Bechalah’ 5777

La ‘’Shirat Hayam’’ est indéniablement l’un des passages les plus marquants de la Thora. Il fait d’ailleurs partie intégrante de la prière quotidienne récitée dans toutes les communautés du monde. Nos maîtres, notamment le Rambam, précisent qu’il est impératif de la lire avant le passage du Shéma. On va donc l’insérer dans la série des Tehilim appelés Psouké Dézimra. La Guémara rapporte dans le traité de shabbat (118b) les propos de Rabbi Yossi qui souhaitait faire partie de ceux qui récitent tous les jours le Hallel. Pourtant, objecte le talmud, il n’est pas recommandé de dire ce passage sans raison valable ? On considère même que dire le Hallel tous les jours ressemblerait à la moquerie comme remercier de façon ironique, voire au blasphème. Nos sages expliquent donc que les paroles de Rabbi Yossi se rapportaient en fait aux Psouké Dézimra.
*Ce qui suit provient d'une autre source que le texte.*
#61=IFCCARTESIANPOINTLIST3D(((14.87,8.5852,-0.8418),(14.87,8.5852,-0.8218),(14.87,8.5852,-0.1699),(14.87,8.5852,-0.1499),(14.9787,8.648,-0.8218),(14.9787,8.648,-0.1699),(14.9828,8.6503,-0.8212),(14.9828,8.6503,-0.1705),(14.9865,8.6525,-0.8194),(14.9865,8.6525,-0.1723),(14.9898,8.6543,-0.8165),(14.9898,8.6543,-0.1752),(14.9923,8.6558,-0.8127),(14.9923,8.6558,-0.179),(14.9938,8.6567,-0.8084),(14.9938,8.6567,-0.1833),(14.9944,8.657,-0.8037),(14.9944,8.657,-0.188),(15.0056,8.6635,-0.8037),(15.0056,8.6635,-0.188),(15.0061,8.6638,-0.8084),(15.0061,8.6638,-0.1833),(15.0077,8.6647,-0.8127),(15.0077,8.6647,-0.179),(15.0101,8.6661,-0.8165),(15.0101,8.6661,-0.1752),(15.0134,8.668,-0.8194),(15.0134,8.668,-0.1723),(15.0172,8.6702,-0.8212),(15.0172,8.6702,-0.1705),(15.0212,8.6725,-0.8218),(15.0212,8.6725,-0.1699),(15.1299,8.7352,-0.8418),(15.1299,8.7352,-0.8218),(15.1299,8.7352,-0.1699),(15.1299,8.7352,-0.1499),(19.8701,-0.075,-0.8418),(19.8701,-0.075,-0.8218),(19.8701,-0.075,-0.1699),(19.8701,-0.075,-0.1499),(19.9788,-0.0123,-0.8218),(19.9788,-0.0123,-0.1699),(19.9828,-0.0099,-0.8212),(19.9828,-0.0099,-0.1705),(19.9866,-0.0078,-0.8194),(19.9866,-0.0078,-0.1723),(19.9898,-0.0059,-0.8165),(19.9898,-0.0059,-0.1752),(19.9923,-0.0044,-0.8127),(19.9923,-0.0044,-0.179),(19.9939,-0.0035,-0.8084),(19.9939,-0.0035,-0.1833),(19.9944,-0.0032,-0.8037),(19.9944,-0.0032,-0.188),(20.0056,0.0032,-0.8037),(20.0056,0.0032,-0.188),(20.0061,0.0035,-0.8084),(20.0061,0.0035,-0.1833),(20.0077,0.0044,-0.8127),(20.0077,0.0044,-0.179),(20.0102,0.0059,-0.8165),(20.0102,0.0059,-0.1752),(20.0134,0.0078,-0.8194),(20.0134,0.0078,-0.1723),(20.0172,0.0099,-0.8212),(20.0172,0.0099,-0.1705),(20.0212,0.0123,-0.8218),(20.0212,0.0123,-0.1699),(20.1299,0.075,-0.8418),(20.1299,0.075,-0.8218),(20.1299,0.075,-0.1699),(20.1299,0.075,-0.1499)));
En effet, les psaumes qui y figurent sont ceux qui commencent par Hallélouy-a, dérivé du mot Hallel. Ce qui différencie ces deux passages, outre les circonstances dans lesquelles le Hallel est récité, c’est le fait que les Psouké Dézimra sont pour le juif l’expression de sa reconnaissance vis-à-vis d’Hashem pour ce dont il bénéficie au quotidien. Le fonctionnement de la nature, les lois dictées à la création du monde qui continuent sans interruption pour rendre la vie possible. Les mécanismes extraordinairement précis qui restent tellement fidèles au projet divin, sont autant de raisons de rendre hommage à notre créateur. Ces phénomènes sont ils pour autant des miracles ou tout simplement une normalité pouvant être considérée עולם כמנהגו נוהג la marche naturel du monde ? C’est précisément dans ce dilemme que la réflexion de Rabbi Yossi trouve son sens. La volonté d’une part de ‘’garder’’ dans le Hallel son caractère exceptionnel. Le réserver à certaines circonstances afin de réaliser lors d’événements précis la bonté manifeste d’Hashem. Mais il craint par ailleurs de banaliser ce qui peut paraître ordinaire au jour le jour. Son désir était en fait d’être capable de réaliser sans cesse du ‘’miracle-normal’’ !

Au moment où les béné Israël se trouvent acculés devant la Mer Rouge, Moshé se met à prier. Hashem lui répond ’’pourquoi pries tu ? Parle aux enfants d’Israël et qu’ils avancent !’’. Il lui indique alors l’existence de ce concept selon lequel le miracle peut être considéré comme normal. ‘’Il n’y a qu’à avancer’’. Traverser la mer à pied : inconscience ou confiance totale ? Affronter tous les jours de la vie les épreuves et envisager l’improbable, procède de cette même interrogation. Puis compter sur le miracle, ou peut être s’agit il de la vocation des phénomènes orchestrés par Hashem. L’ouverture de la mer est à l’évidence un Ness pour tous les hommes. Pour Hashem c’est ‘’normal’’. En disant à Moshé d’avancer simplement, il nous apprend à reconsidérer la nature pour mieux apprécier son rôle à notre égard. La notion de Hallélouy-a est née. Réciter au quotidien la Shirat Hayam au moment des Psouké Dézimra, nous aide à réaliser de la bonté de D… en nous encourageant à envisager le ‘’miracle-normal’’. Il s’agit à la fois de courage et de clairvoyance, en un mot : la confiance en Hashem.